The mean distance ranges from 0.05 to 0.1 at the beginning, that is, without continuous convolution, there is a mean difference of less than a tenth per gene. This is expected because there will be a certain amount of genes with 1/2, 1/3 or 2/3 (or other fractions) of reads mapped to that gene. When the `n_divisions` increases to 2 or 3, the distance decreases enormously because many of those isoforms are now considered in that convolution, and the distance for these cases is now 0. The slight increase of distance in `n_divisions`=15 is because, being 15 odd, all the isoforms with 1/3, 1/5, etc. will not be exact in the convolution with that number of `n_divisions`. In fact, this phenomenon also occurs with `n_divisions`=7, where only float values of the type 1/7, 1/14, etc. will be exact.

Therefore, the best option for `n_divisions`, if small, should be 6 or 12, which is a multiple of 2, 3, 4, and 6, the most possible fraction of isoforms. Nonetheless, at higher numbers of `n_divisions` the distances plateau. 

In [None]:
for tissue in ['neuron', 'pbmc', 'heart']:
    adata = sc.read_h5ad(_10x_dir + f'alevin_output_{tissue}/{tissue}_10k_v3_filtered_feature_bc_matrix.h5')

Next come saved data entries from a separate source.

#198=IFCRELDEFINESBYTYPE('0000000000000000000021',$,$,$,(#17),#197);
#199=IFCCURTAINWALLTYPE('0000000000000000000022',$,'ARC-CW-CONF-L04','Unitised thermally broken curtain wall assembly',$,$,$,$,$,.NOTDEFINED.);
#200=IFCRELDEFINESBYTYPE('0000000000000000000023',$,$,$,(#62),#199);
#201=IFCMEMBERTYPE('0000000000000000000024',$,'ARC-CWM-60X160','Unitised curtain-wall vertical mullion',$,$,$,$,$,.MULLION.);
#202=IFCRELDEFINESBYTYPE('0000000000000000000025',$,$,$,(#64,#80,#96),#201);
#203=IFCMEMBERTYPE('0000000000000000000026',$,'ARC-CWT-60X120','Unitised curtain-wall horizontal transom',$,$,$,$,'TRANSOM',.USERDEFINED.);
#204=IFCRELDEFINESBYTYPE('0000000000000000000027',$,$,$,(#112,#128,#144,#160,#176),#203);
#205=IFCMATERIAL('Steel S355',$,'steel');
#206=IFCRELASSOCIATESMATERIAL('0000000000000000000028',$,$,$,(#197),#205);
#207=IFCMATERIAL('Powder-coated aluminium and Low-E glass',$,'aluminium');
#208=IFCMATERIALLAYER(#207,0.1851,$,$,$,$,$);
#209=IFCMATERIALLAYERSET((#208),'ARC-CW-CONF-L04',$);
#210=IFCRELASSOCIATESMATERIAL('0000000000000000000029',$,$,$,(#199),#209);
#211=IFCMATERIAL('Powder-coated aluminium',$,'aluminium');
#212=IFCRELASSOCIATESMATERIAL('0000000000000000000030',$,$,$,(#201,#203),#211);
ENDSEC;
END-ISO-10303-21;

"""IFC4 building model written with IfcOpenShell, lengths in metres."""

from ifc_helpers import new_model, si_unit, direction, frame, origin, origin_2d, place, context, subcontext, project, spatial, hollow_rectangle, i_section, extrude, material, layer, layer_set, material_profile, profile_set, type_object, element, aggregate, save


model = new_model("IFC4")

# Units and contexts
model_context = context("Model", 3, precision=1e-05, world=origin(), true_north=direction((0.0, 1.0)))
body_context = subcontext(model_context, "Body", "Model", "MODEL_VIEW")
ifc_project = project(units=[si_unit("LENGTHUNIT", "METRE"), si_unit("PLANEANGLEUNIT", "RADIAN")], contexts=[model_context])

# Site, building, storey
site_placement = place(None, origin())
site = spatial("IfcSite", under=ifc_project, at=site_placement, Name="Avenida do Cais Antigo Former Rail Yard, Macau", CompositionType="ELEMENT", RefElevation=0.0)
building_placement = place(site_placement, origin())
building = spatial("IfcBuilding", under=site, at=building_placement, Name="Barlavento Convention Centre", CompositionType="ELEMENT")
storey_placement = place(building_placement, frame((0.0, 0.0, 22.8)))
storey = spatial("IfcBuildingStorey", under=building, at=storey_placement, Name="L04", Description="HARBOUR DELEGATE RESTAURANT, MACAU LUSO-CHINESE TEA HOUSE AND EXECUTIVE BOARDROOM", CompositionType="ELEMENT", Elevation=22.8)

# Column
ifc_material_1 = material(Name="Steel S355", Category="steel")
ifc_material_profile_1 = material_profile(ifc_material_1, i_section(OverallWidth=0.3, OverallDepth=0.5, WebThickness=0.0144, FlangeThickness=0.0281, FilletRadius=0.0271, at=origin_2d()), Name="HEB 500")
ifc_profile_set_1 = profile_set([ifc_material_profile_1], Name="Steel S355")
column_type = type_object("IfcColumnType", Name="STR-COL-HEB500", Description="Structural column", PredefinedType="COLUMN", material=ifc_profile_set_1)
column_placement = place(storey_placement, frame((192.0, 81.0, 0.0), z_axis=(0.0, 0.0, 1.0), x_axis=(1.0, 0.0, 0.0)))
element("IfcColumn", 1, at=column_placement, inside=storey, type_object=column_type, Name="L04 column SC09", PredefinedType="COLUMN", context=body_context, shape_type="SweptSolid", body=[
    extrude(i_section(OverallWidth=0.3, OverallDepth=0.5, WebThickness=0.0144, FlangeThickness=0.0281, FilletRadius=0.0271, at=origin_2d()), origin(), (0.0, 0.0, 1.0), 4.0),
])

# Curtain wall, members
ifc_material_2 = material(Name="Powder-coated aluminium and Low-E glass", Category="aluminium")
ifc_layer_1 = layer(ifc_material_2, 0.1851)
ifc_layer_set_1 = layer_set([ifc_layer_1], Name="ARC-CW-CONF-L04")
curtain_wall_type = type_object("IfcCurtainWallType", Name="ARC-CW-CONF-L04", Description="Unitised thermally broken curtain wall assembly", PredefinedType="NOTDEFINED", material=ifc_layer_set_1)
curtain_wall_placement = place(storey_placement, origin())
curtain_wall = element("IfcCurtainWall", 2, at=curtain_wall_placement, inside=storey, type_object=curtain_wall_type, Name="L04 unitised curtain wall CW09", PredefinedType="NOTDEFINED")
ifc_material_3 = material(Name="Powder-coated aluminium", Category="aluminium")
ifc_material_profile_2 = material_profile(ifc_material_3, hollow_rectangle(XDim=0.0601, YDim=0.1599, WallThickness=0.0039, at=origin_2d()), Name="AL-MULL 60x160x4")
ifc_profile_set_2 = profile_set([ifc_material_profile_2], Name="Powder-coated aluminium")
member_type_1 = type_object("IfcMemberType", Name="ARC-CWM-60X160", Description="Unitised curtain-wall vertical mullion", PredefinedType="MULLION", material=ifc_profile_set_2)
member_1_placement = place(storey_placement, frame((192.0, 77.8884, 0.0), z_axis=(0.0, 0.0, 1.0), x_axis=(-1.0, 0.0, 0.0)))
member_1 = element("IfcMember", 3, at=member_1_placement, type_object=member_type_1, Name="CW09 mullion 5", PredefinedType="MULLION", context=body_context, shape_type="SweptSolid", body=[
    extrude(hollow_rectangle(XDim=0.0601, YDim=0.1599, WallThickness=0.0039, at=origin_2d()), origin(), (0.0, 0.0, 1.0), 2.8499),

    adata.var_names_make_unique()
    sc.pp.filter_cells(adata, min_counts=400)
    sc.pp.filter_genes(adata, min_counts=100)
    sc.pp.log1p(adata)
    
    for seed in range(5):
#         if os.path.exists(os.getcwd() + f'/exports/continuous/{tissue}_seed-{seed}_emd-distance_log.csv'):
#             continue  
            
        df = pd.DataFrame(columns=[f'div_{i}' for i in list_n_divisions], 
                          index=adata.var_names)

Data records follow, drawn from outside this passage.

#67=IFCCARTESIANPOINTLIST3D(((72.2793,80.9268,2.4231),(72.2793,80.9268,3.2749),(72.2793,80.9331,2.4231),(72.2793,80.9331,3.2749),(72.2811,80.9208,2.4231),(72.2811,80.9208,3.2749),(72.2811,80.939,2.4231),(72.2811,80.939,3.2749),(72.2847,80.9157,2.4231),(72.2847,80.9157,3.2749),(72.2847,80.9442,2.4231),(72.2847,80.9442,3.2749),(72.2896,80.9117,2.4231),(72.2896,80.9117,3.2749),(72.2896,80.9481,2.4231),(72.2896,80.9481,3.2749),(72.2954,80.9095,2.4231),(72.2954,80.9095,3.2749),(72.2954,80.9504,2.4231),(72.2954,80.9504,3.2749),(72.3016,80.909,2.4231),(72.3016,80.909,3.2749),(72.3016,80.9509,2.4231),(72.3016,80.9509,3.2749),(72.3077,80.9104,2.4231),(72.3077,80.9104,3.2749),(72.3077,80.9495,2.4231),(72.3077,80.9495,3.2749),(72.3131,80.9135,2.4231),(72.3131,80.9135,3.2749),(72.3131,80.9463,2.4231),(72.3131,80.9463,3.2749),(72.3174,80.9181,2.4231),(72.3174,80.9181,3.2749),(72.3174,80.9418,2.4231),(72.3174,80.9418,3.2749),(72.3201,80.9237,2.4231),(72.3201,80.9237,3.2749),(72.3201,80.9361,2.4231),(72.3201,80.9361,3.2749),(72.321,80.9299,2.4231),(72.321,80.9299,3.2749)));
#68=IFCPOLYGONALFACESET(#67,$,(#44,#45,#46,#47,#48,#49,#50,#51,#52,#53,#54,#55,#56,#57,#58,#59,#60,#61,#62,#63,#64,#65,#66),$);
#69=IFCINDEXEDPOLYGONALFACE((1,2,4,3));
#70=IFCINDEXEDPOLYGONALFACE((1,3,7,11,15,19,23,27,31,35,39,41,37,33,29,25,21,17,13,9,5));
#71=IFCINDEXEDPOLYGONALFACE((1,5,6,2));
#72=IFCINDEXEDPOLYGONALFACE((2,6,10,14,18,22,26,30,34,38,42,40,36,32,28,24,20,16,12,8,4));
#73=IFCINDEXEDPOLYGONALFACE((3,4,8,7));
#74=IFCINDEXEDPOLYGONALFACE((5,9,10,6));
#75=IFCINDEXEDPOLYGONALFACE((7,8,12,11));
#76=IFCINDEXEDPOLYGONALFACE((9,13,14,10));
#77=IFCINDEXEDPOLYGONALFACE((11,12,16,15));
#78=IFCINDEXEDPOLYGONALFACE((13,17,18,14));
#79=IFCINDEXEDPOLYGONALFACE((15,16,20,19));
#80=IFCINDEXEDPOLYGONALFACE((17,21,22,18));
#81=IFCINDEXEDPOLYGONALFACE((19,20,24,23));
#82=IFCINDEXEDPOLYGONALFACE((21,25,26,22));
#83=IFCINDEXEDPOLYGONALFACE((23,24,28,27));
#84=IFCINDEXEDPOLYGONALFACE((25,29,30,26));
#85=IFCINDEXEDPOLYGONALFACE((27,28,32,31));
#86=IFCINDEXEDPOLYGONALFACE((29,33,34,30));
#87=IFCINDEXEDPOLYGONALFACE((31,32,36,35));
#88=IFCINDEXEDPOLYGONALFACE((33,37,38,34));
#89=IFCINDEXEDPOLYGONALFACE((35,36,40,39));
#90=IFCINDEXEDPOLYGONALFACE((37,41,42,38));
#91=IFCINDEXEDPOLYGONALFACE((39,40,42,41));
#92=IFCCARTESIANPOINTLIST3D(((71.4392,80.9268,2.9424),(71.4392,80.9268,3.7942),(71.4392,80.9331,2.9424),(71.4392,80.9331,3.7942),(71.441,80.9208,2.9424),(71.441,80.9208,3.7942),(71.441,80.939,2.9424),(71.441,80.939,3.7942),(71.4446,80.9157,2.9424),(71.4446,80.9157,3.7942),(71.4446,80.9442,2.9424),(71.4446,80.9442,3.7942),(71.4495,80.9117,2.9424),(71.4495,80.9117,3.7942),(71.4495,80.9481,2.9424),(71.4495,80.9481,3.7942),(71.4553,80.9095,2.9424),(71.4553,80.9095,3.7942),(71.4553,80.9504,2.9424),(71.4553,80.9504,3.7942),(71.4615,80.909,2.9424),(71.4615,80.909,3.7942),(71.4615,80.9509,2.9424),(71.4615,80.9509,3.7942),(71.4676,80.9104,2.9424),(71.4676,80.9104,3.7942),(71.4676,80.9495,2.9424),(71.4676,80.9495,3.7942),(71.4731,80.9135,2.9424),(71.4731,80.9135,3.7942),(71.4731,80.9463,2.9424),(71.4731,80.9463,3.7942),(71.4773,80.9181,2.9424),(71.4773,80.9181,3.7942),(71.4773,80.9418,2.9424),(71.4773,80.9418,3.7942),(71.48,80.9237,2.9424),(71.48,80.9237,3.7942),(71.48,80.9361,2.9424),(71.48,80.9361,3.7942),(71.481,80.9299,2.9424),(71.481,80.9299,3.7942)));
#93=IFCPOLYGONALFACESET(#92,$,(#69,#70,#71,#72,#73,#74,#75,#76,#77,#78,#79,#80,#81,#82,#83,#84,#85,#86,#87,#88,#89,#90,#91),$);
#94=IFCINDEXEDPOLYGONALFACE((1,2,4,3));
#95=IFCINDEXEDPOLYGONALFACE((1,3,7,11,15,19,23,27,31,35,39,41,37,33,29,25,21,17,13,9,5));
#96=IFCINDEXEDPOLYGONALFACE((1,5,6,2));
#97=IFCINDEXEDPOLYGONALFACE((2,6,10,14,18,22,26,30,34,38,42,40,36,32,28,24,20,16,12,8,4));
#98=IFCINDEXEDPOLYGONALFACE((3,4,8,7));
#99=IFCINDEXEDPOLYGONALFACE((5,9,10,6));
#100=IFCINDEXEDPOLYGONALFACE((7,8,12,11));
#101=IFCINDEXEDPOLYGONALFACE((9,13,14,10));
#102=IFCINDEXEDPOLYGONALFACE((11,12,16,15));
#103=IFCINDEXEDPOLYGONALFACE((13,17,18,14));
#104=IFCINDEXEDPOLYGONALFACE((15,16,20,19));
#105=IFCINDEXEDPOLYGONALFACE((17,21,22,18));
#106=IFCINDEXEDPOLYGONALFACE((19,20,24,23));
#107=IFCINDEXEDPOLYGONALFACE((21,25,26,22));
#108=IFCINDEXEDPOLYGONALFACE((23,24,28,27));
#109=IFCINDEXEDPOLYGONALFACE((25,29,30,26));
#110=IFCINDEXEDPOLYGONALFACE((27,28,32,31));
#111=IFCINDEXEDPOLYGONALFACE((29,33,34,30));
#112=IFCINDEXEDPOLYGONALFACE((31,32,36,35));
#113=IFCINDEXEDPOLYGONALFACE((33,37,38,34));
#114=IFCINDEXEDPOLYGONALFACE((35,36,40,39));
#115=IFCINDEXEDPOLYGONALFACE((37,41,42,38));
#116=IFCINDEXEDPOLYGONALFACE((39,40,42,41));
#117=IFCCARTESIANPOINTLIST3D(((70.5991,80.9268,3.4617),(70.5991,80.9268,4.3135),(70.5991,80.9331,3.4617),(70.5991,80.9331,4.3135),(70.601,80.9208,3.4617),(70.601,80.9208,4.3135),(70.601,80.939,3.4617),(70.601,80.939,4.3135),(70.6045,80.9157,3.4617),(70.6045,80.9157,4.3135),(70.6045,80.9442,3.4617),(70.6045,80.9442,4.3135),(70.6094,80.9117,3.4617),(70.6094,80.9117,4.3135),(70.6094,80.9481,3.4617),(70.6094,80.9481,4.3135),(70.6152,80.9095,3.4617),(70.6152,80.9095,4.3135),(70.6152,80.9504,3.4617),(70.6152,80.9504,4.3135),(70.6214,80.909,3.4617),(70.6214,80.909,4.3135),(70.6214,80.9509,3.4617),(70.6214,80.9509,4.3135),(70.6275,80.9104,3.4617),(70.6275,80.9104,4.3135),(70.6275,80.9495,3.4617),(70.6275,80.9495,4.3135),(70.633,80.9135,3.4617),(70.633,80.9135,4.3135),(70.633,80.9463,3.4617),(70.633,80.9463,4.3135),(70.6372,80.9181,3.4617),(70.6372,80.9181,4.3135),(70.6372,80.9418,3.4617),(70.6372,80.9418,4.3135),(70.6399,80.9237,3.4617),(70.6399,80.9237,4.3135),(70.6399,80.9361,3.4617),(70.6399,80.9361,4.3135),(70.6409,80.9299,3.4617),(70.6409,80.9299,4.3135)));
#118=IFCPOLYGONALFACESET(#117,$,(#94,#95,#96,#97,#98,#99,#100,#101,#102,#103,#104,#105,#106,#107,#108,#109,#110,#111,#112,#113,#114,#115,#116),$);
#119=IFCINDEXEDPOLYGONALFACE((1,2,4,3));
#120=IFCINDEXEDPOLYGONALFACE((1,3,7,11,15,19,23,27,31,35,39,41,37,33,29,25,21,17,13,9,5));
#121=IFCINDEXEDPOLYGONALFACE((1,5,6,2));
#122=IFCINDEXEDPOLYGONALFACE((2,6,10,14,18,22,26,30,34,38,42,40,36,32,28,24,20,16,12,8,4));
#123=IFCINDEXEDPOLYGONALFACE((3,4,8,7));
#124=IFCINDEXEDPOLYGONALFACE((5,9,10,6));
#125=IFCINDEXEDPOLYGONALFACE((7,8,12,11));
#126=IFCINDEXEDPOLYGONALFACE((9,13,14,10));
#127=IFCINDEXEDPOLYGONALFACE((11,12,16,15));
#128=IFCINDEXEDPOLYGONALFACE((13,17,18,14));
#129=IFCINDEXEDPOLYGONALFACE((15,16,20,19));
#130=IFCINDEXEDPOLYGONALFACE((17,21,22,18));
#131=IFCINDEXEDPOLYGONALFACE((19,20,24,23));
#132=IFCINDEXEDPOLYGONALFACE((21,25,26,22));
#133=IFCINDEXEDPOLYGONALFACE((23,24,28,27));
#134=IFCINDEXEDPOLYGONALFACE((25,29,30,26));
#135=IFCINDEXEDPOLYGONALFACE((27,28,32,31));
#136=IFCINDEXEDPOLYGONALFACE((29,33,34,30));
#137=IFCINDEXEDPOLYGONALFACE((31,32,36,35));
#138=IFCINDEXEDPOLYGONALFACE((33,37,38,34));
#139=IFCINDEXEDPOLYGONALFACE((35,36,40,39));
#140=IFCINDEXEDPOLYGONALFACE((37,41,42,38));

        for n_divisions in list_n_divisions:
            print(tissue, n_divisions, seed)
            tk.tl.triku(adata, apply_background_correction=False, n_divisions=n_divisions, n_procs=8, random_state=seed)

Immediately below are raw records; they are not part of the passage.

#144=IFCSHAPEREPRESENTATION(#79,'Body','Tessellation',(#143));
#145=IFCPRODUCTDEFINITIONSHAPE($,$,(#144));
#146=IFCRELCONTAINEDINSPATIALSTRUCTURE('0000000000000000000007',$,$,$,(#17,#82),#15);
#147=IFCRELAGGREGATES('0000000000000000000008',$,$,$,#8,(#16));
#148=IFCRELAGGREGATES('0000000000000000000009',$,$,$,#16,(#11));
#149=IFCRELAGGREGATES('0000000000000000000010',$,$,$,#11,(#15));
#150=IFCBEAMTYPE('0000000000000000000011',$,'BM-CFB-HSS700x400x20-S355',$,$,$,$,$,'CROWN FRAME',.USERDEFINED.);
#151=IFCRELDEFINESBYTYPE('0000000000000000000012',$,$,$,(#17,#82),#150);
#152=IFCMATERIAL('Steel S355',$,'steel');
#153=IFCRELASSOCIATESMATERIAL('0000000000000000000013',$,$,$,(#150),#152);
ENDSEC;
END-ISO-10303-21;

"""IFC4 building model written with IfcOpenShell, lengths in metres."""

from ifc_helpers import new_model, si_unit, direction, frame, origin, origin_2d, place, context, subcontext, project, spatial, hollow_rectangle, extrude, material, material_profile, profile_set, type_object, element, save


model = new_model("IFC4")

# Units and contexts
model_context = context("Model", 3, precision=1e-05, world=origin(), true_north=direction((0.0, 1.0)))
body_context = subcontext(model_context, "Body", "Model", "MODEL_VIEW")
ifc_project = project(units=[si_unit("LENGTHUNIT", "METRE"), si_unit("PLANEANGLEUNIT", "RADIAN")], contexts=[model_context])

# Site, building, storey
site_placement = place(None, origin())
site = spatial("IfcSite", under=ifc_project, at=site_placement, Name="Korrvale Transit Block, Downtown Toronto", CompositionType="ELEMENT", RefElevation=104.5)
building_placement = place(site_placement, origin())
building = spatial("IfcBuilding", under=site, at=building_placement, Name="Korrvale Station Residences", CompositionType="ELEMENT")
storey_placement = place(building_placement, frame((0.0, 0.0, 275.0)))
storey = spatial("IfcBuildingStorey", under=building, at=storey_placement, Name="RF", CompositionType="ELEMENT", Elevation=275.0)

            df.loc[:, f'div_{n_divisions}'] = adata.var['triku_distance'].values
        
        df.to_csv(os.getcwd() + f'/exports/continuous/{tissue}_seed-{seed}_emd-distance_log.csv')     

In [None]:
make_dist_fig(option='log', title='Mean absolute distance (logarithm)')

In this case, the logarithmization of integer and fraction numbers yields floating numbers much more variable than only fraction numbers. Therefore, distances decrease without notable peaks like in the case before. In that case, a number of `n_divisions` around 15 - 20 (12 can bee a wise election too) should yield sufficiently small differences for the selected genes to be the same.